Flying across industries: Experimental Designs and Drosophila
From COVID-19 vaccine research, to understanding neurodegeneration and cancer biology, to cellular agriculture, the flexible model fruit fly has not only helped us to understand many human processes but provide the basis for future bioproducts. When the pandemic hit and researchers needed models to understand the immune response to COVID-19 infection, they once again turned to Drosophila melanogaster. Due to in-depth understanding of the fly genome, scientists were able to look at the most pathogenic genes related to COVID infection and propose potential therapeutics. Similarly, D. mel is an excellent model organism for studying ageing and neurodegeneration. Models for Parkinson's and Alzheimer's diseases have been created in flies to mimic the brain in patients where experimentation would be unethical. Using fruit flies, scientists gained an understanding of how the diseases progress over time and created novel therapeutics.

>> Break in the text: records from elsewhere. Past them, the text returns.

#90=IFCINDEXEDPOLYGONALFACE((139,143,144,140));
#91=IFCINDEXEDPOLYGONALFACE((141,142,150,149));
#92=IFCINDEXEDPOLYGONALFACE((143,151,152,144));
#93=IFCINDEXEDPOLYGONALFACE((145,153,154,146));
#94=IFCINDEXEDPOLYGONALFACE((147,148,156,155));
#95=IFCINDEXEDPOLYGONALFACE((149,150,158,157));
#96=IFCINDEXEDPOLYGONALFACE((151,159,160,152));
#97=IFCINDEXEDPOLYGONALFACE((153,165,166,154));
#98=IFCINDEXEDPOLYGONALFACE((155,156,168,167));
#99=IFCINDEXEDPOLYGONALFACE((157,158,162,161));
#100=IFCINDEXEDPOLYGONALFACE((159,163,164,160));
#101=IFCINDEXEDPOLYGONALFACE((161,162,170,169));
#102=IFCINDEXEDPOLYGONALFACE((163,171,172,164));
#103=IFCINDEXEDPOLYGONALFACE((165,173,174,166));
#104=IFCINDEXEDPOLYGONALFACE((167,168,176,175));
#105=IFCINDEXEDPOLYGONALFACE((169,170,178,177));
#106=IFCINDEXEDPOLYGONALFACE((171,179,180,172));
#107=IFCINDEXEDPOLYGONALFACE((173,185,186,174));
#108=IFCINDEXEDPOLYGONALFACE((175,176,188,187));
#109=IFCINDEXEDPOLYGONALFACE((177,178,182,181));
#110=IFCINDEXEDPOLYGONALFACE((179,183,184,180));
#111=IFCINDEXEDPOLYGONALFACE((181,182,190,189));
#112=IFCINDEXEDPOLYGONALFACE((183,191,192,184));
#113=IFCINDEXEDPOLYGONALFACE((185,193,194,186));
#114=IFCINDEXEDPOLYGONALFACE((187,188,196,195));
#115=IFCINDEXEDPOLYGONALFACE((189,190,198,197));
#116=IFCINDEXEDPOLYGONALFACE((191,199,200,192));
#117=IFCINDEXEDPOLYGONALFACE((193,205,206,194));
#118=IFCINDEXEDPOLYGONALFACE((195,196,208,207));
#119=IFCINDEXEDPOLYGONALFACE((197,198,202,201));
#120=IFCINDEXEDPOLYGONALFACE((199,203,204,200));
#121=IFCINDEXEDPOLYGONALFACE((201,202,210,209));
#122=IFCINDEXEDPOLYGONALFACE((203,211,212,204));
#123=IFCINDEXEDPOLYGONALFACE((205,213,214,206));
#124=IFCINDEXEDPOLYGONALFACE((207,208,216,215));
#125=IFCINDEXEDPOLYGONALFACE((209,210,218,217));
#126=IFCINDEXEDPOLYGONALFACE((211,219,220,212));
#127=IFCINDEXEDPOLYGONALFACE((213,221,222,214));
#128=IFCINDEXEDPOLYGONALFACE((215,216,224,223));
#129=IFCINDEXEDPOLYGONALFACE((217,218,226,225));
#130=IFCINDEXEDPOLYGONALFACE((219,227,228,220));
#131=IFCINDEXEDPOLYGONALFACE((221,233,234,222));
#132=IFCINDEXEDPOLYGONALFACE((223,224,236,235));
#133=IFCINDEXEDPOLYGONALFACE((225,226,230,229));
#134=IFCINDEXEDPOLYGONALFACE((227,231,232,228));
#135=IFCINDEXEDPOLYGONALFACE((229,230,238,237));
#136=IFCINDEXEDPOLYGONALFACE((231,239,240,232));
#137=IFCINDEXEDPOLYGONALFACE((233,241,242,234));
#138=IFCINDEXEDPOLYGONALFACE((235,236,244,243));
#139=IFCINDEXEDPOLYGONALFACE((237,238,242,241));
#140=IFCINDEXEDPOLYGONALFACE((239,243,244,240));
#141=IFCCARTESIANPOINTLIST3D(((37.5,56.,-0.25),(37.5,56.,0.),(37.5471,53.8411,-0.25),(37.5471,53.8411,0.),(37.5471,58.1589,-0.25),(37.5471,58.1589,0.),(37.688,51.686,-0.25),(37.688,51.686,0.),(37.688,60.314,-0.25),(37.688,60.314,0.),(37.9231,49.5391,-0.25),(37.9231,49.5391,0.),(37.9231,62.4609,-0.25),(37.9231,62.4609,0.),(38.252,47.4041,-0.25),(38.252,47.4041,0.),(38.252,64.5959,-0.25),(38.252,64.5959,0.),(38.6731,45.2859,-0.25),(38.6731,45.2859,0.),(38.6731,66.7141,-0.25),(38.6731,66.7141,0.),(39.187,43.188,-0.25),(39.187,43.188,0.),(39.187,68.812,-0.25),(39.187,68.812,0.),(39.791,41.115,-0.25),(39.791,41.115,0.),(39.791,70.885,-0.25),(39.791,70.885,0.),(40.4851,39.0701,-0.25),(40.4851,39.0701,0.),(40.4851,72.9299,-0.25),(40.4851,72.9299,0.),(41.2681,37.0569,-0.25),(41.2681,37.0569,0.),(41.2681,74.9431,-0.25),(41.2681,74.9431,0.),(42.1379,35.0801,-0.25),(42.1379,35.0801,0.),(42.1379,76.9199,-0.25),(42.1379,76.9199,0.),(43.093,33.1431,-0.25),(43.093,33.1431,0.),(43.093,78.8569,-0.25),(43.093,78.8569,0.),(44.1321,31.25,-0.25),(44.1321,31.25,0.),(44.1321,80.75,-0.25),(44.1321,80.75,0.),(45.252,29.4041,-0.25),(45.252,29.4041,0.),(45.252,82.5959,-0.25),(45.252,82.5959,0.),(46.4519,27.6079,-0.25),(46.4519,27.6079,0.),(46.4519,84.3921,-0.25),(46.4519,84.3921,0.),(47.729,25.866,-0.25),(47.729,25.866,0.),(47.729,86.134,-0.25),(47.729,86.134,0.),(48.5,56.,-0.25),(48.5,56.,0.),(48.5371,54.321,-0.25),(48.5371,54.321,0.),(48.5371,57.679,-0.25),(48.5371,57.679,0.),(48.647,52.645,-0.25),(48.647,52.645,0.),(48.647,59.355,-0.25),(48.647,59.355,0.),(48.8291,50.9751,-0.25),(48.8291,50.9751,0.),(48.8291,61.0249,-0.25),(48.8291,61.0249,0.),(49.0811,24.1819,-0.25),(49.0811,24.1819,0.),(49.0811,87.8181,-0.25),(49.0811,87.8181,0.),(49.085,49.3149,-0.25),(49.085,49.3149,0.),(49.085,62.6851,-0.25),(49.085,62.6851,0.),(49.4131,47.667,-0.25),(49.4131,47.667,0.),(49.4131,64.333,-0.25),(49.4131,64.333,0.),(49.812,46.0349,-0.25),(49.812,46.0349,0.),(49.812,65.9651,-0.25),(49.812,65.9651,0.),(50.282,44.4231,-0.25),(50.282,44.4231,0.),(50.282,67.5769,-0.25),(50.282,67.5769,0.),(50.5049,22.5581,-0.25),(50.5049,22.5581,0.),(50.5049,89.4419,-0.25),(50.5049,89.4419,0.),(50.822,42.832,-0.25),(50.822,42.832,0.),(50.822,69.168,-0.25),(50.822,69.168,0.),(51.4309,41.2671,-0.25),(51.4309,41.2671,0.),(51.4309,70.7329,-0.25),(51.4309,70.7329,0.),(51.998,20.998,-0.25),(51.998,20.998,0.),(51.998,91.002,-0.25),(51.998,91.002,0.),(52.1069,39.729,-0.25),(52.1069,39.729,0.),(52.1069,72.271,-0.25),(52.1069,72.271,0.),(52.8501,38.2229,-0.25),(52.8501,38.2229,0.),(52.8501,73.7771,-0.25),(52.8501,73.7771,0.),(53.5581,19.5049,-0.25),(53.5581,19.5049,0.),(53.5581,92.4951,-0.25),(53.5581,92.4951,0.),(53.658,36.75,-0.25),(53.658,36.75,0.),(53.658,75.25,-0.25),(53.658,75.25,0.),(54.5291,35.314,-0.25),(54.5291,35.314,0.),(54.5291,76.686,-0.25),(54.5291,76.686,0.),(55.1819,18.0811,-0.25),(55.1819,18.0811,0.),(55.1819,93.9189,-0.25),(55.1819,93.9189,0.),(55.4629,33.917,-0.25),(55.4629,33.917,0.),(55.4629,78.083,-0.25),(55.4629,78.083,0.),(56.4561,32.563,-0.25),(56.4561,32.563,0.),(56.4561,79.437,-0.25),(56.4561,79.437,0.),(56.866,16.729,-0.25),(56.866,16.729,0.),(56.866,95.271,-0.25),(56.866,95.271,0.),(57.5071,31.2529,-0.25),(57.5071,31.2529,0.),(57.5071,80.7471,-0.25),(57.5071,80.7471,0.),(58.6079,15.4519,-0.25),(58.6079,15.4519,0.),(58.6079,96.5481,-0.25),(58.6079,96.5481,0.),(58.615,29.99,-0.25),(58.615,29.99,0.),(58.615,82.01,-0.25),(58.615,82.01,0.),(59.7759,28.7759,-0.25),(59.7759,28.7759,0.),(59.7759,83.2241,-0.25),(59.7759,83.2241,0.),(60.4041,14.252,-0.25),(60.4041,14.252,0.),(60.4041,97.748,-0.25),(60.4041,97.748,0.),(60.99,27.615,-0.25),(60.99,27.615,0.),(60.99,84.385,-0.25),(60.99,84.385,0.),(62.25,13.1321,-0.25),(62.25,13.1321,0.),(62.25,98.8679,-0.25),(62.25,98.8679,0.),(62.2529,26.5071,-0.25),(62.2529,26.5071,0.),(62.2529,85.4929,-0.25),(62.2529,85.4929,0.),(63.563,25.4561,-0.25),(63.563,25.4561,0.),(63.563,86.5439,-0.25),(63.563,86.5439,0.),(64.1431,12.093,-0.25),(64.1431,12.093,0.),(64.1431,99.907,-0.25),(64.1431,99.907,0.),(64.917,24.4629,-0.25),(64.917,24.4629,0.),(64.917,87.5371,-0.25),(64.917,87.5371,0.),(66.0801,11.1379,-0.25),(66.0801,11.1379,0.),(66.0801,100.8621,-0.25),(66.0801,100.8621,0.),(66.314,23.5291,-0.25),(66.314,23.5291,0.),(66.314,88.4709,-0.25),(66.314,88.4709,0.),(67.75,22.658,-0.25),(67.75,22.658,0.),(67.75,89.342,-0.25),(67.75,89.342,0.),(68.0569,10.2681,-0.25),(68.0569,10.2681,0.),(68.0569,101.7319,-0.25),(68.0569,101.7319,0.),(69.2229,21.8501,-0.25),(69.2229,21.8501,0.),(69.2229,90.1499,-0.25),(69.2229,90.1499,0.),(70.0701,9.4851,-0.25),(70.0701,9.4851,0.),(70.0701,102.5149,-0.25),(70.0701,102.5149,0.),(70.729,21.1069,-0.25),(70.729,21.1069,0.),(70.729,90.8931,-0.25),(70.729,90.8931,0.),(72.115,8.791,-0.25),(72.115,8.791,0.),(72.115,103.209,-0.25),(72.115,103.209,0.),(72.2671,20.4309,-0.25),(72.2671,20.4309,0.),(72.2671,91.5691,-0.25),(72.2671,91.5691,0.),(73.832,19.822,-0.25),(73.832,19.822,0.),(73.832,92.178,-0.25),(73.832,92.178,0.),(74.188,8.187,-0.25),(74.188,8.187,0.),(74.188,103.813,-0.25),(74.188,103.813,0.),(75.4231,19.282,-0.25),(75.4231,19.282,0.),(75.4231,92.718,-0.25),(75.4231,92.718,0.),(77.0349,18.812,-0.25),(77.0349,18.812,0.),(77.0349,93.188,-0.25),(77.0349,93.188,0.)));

Fruit flies have also been used to understand the etiology of complicated diseases such as cancer. One of the greatest contributions of the fly to the study of cancer biology was the elucidation of the Ras signalling pathway more than 20 years ago. By understanding how Ras signalling can affect the proliferation and differentiation of cancer cells, scientists were able to generate several theories on how the disease originates and evades the immune system. This knowledge is still being used to come up with new therapeutics and understand why some cancers return after initial remission.
Flying forward: Bioproducts with a positive impact on the planet
Now that we are in the era of where biotech means cleantech, Future Fields poses the question: what if we harnessed the advantages of Drosophila melanogaster as a model organism not only for biology, but for fighting climate change?
Academic, industrial, and pharmaceutical research labs are at the forefront of bio-innovation, but their building blocks face some wasteful challenges. According to a 2019 analysis, nearly 300 million litres of cell culture waste is generated annually across industries. If there is a way to improve the environmental impact of downstream processing, bio-industries could raise the bar for sustainability in sciences.
One way to tackle this is to minimise the environmental impact at the cell level. To grow their cellular innovations, scientists rely on traditional growth factors often produced by simple organisms like bacteria and yeast cells. These are housed in bioreactors, which come with a large environmental and economic price tag. Like the reductionist beginning of model organisms, these simple systems have been pushed to their limits by decades of research and are still unable to meet the world’s growing need and reliance on biological industries.
Like the scientists looking to understand complex biology before us, Future Fields turns to the common fruit fly in search of a new solution expanding on what we have learned from traditional growth factor production models. Our EntoEngine™ takes advantage of a century’s worth of genetic knowledge, a short reproduction cycle, and the sustainable rearing methods of Drosophila melanogaster to create what we see as the future of recombinant protein production.
Future Fields is proudly fly by design. Harnessing the genetic prowess of the fruit fly, Future Fields provides scientists with the quality biomolecules they need to economically and sustainably do great science.